Bike setup: wagon wheels racing: Black Mountain Cycles Monstercross build - Part 2

I don't care if the tires are heavy, I am looking for durability for tubeless and cushy with minimal knobs. Cheap would be good too...

Any advice appreciated.


----------



## cowboygrrl (Jan 20, 2011)

I'm using WTB Vulpines, their new tubeless TCS tires. They're 1.9, with more side knobs and flat center. I do about an 18 mile commute on them. Oh, and that's a On One Midge bar; I love it! Our builds are very similar; mine's a Vaya with 26" wheels.


----------



## Johnny K (Mar 14, 2005)

cowboygrrl said:


> I'm using WTB Vulpines, their new tubeless TCS tires. They're 1.9, with more side knobs and flat center. I do about an 18 mile commute on them. Oh, and that's a On One Midge bar; I love it! Our builds are very similar; mine's a Vaya with 26" wheels.

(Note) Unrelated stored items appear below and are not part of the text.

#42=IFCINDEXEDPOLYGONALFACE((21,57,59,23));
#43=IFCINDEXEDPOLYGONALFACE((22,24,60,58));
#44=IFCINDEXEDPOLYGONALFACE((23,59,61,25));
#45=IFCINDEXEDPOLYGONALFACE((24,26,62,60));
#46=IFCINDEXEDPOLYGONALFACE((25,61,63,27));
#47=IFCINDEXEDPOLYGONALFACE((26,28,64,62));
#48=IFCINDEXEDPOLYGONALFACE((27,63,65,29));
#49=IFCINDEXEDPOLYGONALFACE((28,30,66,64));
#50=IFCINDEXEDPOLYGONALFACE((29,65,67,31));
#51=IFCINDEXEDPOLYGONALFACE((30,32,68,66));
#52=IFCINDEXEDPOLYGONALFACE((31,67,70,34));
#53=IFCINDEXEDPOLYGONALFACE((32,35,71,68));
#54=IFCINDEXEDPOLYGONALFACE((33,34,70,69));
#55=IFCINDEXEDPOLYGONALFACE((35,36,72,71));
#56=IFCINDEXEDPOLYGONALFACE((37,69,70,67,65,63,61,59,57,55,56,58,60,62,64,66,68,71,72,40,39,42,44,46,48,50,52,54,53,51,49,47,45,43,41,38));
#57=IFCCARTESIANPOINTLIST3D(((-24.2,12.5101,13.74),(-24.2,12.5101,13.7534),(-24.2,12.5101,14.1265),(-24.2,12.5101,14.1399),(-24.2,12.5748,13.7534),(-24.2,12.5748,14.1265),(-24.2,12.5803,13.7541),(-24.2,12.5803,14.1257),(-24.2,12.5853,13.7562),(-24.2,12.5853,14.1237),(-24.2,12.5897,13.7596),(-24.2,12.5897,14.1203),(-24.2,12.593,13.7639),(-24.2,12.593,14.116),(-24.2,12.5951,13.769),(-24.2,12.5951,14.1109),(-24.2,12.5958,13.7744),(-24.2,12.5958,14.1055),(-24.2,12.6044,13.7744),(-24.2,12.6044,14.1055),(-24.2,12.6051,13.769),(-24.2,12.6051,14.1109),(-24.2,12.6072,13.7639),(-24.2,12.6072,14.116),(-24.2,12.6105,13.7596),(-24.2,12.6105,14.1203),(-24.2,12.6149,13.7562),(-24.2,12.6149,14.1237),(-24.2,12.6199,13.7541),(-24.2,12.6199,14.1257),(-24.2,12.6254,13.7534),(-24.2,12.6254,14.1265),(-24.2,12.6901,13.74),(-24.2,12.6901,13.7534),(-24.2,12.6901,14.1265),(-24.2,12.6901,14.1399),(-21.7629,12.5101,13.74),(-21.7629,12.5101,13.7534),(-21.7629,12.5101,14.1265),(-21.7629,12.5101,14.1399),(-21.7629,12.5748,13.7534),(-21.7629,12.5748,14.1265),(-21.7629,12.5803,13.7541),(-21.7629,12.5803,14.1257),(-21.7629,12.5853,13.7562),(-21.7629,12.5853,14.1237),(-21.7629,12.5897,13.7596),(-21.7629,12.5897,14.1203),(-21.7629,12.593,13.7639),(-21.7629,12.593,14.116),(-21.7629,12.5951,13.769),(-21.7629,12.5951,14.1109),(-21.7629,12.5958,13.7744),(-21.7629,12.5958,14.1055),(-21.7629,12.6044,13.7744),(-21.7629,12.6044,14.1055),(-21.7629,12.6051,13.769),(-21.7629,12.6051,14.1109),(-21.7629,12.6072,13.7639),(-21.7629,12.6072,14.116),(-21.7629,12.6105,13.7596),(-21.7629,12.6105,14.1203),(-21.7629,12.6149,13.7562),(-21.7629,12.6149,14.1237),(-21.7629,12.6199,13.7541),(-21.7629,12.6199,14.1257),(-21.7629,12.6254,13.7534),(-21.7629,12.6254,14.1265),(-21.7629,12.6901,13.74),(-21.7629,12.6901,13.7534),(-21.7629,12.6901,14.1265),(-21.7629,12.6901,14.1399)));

Nice build there. How wide do the vulpines measure out to? Thanks.


----------



## CommuterBoy (Oct 4, 2007)

I've been using 2.35" Schwalbe Big Apples tubeless for a couple of years. I live on a dirt road and have a singletrack option on the commute that I ride quite a bit, and other than the obvious drawbacks of being basically a slick, the volume makes them surprisingly confident in the dirt. I do a lot of dirt road exploring on this bike also. They have a narrower model of the Big Apple as well. They were the easiest tires I have ever set up tubeless. No problems.


----------



## ghettocruiser (Jun 21, 2008)

Set up a slightly-worn set of Vittoria XNs last summer, which were functionally a 700x32C slick with sideknobs. Did not hold air very long. I think it was a combination of bad luck and being too stingy with sealant, Rode (commuting and trail riding) the entire summer on tubeless RK SS (not exactly a commuting slick I know) without issue. going to try again this spring with the CX tires.


----------



## slower_than_u (Sep 28, 2008)

I run Michelin Pilot Sport 700x35 on Stan's No Tubes Arch rims with Stan's sealant on my 29er commuter.
Michelin Pilot Sport 700 x 35 at BikeTiresDirect

They mounted easily and I've been riding them just over a year at 48-50psi without a single flat.


----------



## Turduckenator (Jan 2, 2012)

*ghetto tubeless 35c commuter setup*

Thread necrophilia? I though I'd contribute since this helped me decide to go tubeless (non-UST, non-TLR) for my frankenbike/commuter after getting sick of flats.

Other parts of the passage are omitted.